Excircle and circumcircle $$ \triangle ABC$$
$k(O; R)$ circumscribed, $P$ is the midpoint of arc $AB$
$O_1$ is the centre of the excircle of $\triangle ABC$, touching the side AB.
Show that $PA = PB = PO_1$.

I tried to prove that $\triangle APO_1$ (or $\triangle BPO_1$) is isosceles, but I can't figure it out. I will be very grateful if you help me.

 A: Let I, J be the in-center and ex-center respectively.

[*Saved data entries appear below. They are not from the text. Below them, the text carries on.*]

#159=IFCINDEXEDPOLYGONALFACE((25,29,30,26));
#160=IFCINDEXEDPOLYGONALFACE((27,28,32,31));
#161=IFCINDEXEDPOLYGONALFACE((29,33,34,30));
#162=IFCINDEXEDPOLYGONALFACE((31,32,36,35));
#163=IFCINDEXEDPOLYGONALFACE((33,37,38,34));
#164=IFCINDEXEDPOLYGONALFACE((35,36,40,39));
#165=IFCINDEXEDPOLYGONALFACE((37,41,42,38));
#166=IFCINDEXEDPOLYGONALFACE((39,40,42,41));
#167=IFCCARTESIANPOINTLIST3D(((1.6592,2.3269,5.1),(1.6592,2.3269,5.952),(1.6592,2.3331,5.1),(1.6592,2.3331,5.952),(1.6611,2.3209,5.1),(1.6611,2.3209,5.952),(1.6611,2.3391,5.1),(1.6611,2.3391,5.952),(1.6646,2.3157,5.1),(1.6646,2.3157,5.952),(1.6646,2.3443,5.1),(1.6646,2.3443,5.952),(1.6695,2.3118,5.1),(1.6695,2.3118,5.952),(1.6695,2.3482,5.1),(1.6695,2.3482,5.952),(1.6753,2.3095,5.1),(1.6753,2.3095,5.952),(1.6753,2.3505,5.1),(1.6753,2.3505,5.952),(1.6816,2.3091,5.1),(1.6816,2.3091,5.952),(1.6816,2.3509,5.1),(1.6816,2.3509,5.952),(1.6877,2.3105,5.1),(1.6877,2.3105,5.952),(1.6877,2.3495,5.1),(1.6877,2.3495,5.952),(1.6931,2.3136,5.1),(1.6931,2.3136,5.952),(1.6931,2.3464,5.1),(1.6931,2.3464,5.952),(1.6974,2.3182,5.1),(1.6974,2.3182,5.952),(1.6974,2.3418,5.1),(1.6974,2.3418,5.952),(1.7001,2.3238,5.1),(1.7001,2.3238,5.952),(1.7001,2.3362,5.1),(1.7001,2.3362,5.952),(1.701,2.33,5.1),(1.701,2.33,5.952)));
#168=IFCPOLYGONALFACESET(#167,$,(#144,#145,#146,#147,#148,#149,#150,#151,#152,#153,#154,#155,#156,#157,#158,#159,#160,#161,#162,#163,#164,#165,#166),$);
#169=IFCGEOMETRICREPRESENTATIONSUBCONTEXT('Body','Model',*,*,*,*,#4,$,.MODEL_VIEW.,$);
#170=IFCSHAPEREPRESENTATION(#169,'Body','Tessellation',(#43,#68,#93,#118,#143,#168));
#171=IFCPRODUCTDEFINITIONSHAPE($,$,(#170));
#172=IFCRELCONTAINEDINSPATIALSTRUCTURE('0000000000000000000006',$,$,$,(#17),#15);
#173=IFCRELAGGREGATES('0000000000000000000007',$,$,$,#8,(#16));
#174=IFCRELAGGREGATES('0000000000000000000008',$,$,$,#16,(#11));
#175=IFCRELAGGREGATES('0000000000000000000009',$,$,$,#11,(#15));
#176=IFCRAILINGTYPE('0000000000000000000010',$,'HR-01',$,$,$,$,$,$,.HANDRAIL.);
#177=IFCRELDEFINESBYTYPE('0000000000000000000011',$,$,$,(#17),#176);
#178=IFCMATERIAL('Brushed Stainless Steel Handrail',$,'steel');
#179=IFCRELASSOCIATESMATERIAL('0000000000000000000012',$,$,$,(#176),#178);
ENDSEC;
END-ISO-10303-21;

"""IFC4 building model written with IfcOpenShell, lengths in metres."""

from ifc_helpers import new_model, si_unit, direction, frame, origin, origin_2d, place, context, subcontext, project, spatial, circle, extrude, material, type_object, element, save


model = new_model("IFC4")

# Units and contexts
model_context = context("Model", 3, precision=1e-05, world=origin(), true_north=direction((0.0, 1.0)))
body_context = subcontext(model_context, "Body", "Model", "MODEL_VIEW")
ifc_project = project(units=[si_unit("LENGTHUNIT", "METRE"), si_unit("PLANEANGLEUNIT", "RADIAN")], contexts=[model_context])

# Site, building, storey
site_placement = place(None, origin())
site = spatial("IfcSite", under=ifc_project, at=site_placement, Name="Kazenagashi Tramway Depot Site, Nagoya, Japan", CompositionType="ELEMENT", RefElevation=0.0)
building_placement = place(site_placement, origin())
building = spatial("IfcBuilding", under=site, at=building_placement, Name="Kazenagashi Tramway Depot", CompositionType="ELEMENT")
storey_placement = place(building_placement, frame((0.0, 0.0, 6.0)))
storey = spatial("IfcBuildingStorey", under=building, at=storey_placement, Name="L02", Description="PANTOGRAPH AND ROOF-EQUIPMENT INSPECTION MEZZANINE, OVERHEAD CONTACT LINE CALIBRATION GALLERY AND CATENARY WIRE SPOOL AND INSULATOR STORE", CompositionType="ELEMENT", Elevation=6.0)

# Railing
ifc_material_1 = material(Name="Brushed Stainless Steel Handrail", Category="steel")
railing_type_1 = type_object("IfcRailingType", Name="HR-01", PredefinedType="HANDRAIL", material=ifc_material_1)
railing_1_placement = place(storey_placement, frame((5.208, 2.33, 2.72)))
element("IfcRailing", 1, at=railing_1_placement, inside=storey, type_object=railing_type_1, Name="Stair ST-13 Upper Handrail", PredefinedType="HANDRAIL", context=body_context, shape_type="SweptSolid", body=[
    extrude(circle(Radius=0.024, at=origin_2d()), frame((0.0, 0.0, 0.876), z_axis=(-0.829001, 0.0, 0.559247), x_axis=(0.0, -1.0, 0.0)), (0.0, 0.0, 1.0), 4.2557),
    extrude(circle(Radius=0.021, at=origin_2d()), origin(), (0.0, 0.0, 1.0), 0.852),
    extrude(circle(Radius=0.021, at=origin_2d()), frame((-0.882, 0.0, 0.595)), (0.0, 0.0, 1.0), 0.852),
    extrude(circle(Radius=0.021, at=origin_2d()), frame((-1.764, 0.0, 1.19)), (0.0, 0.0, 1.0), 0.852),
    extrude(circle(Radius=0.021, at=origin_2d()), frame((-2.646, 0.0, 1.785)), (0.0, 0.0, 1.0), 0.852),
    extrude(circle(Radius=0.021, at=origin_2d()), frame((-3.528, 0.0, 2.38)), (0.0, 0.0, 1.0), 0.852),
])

Note that C, I, P are collinear and C, I, J are also collinear. Then, CIPJ are on the same straight line.
"$\angle AIP = ... = \angle ABJ$" implies AIBJ is cyclic.
"$IB \bot JB$" implies IPJ is the diameter of the circle AIBJ.
The perpendicular bisector of chord AB cuts CPJ at P. This means P is the center of AIBJ.
A: Solving this can be divided into 2 stages:


*

*Show that $P$ lies on $CO_1$. 

*Angle chasing
For the first stage, connect $CO_1$, name the intersection of $CO_1$ and arc $AB$ be $P'$. Apparently, $CO_1$ is the bisector of $∠MCN$, so $∠ACP'=∠P'CB$. Also, since $∠ACP=∠PCB$, we can deduce that $P'$ overlaps with $P$. So $P$ is on $CO_1$, and $PA=PB$.
For the second stage, start from $∠MAP=∠CBP$. With $∠MAO_1=∠QAO_1$, $∠PAB=∠PBA$, we can rewrite the equality to $∠QAO_1+∠PAO_1=∠CBA+∠PAB$, which can be reduced to $2∠PAO_1=∠CBA$. And since $∠CBA=∠CPA$, we can then deduce $∠CPA=2∠PAO_1$, which is the same as saying $∠PAO_1=∠PO_1A$. Therefore $PA=PO_1$.
Hence $PA=PB=PO_1$ is shown.